As I noted three months ago in A Misplaced Zeal for Souls?, Saint Peter Claver personally baptized over 300,000 souls in his priestly life. The missionaries knew that the souls of the unbaptized go to Hell, that most of the unbaptized did not have a "desire" to, as the Holy Office put it in 1949, to be united by supernatural faith to the Catholic Church. That is why they spent their all for souls. Thus, it is distressing in the extreme to witness the Church in her human elements discourage "proselytism," and to read the Holy Father, who seems to very dismissive of dogmatic decrees concerning the fate of unbelievers, himself attempt to appropriate the writings of Saint Augustine to assert, as he did in his General Audience address of November 30, 2005, that we can have good hope that all of those "who seek peace and the good of the community with a pure conscience, and keeps alive the desire for the transcendent, will be saved even if he lacks biblical faith." This flies in the face of the solemn decree of the Pope Eugene IV, Cantatae Domino, issued in 1441 during Council of Florence:

"The holy Roman Church believes, professes, and preaches that 'no one remaining outside the Catholic Church, not just pagans, but also Jews or heretics or schismatics, can become partakers of eternal life; but they will go to the everlasting fire, which was prepared for the devil and his angels,' unless before the end of life they are joined to the Church. For the union with the body of the Church is of such importance that the sacraments of the Church are helpful to salvation only for those who remaining in it; and fasts, almsgiving, other works of piety, and the exercise of Christian warfare bear eternal rewards from them alone. And no one can be saved, no matter how much alms, he has given, even if he sheds his blood for the name of Christ, unless he remains in the bosom and the unity of the Catholic Church."

This is a dogmatic decree. It binds the consciences of all Catholics, including that of Benedict XVI. A contemporary interpretation of the writing of no Church Father, including Saint Augustine, whose work is being much misrepresented in many circles today, takes precedence over solemn dogmatic decrees. No one can repeal such decrees. Joseph Ratzinger, a true son of the ethos of the Second Vatican Council, acts as though such decrees are but mere theological opinions that must yield to the preponderance of the views of modern theologians and the allegedly irreversible "realities" of a world in which the Catholic Faith no longer holds sway the way she did during the Middle Ages.
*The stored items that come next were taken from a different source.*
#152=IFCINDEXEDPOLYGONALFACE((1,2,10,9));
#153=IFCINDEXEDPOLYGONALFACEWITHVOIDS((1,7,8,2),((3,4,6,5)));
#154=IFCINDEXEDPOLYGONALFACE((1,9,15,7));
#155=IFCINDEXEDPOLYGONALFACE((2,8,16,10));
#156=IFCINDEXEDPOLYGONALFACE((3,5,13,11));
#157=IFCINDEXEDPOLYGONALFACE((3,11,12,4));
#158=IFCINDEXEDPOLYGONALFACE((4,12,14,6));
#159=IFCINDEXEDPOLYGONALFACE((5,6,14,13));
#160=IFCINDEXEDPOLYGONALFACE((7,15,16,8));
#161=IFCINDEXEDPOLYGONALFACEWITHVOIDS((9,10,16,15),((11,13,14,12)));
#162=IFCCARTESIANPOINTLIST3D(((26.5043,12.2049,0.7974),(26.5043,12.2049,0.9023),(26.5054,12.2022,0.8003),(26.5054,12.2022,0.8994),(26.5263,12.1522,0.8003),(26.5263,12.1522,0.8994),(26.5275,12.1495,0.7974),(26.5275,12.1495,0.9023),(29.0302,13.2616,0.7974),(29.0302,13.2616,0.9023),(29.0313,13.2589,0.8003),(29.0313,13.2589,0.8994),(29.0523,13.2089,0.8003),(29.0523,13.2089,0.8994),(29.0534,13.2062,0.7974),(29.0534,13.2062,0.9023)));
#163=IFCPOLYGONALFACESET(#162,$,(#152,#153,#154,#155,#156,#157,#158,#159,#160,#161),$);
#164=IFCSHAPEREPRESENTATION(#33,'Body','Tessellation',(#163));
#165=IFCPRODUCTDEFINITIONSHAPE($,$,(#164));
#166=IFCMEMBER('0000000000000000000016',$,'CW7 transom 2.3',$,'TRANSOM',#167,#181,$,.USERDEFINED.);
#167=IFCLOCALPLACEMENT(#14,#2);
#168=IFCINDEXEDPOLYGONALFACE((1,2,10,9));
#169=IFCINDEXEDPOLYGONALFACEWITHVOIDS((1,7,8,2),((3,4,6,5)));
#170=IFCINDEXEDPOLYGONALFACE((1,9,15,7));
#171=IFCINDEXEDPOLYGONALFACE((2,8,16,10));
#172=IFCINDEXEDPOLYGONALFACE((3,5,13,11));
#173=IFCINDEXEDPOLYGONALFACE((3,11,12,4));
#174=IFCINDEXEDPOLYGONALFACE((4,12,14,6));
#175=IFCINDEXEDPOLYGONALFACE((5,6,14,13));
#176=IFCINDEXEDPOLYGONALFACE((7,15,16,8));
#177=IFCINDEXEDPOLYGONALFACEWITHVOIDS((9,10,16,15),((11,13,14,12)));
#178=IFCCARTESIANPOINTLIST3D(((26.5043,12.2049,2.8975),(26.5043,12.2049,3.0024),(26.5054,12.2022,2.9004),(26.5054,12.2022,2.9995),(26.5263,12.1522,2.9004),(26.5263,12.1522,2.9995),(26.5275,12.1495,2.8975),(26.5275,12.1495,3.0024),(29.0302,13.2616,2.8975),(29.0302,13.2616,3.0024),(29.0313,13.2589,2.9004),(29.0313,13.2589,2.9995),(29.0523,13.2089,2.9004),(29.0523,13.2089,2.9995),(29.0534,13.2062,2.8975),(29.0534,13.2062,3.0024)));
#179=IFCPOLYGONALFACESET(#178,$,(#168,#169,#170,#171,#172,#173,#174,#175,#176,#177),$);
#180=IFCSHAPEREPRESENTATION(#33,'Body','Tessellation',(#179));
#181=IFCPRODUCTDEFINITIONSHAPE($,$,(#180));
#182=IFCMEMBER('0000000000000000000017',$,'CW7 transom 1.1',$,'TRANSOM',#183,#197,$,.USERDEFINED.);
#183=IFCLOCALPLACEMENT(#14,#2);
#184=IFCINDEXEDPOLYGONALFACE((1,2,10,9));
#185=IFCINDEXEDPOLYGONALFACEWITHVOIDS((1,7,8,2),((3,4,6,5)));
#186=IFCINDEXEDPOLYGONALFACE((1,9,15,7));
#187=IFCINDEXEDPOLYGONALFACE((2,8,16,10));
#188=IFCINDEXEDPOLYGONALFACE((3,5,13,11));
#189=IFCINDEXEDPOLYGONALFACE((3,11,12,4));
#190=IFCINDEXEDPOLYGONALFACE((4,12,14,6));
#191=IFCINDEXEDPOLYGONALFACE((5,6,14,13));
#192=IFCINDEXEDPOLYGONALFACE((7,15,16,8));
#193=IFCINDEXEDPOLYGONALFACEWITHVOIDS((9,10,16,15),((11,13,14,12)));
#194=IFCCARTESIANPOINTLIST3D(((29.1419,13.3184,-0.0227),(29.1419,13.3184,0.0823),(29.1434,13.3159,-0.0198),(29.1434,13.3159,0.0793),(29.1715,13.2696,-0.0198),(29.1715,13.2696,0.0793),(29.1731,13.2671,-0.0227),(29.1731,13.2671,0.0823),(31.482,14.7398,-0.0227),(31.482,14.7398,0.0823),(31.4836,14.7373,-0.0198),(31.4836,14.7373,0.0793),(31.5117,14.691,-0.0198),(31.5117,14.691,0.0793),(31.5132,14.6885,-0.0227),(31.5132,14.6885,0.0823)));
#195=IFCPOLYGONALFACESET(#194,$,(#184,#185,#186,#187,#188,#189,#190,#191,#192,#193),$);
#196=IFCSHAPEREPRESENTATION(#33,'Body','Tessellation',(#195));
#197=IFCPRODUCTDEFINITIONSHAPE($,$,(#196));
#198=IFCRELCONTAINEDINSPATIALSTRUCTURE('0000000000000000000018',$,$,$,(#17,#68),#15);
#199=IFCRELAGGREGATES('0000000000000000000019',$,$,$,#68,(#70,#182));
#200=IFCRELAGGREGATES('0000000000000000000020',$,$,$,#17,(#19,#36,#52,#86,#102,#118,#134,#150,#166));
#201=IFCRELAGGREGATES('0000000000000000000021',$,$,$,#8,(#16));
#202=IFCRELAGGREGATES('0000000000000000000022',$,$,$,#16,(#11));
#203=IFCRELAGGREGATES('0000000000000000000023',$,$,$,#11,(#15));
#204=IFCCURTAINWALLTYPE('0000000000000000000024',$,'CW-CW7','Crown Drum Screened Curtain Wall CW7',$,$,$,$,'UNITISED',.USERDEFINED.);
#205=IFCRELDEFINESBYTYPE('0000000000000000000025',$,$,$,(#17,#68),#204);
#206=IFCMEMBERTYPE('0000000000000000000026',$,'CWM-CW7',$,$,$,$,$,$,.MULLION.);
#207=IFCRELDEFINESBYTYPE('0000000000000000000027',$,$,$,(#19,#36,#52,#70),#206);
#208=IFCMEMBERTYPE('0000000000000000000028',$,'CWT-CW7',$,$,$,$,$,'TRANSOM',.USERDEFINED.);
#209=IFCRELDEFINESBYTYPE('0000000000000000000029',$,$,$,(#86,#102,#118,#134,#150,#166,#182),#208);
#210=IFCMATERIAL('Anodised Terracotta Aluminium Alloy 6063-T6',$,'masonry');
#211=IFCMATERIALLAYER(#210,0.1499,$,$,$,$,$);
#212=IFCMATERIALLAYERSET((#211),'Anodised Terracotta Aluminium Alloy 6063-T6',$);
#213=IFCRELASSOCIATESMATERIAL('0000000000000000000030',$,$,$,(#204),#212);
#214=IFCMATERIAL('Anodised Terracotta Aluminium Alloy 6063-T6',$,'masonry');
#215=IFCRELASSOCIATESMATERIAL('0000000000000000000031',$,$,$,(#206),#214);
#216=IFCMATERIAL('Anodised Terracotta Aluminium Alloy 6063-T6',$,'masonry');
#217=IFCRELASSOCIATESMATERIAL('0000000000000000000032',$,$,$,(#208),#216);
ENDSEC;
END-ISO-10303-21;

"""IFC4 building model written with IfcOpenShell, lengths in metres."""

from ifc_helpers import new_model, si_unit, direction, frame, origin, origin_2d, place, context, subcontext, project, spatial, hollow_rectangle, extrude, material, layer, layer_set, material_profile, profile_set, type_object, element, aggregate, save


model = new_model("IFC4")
Discussions about Limbo and the assertion that we can have good hope that nonbelievers can become partakers of eternal life betray a sense of things that is contrary to the authentic patrimony of the Church. With all of the problems besetting the Church in her human elements, you see, why must beliefs, such as Limbo, be subjected to analysis and possible "elimination?" With so many people despondent because they are outside of the true Church and thus not in states of sanctifying grace,deprived of belief in and access to the Sacrament of Penance and the worthy reception of Holy Communion, why is it necessary to propose publicly that unbelievers are not in need of our the immediate help of the Church to bring them into her bosom for their sanctification and salvation? No wonder it was raining in Rome when Benedict XVI spoke of the ability of nonbelievers to be saved. Those were tears from Heaven coming down upon the head of the Sovereign Pontiff as he placed into question, whether wittingly or unwittingly, the missionary zeal that motivated countless numbers of men and women to give up their creature comforts in Europe to travel to distant lands to endure harsh living conditions and sometimes fierce persecutions to bring souls to the baptismal font and thus into a state of friendship with the Blessed Trinity, Whose very inner life was flooded into the souls of those so baptized.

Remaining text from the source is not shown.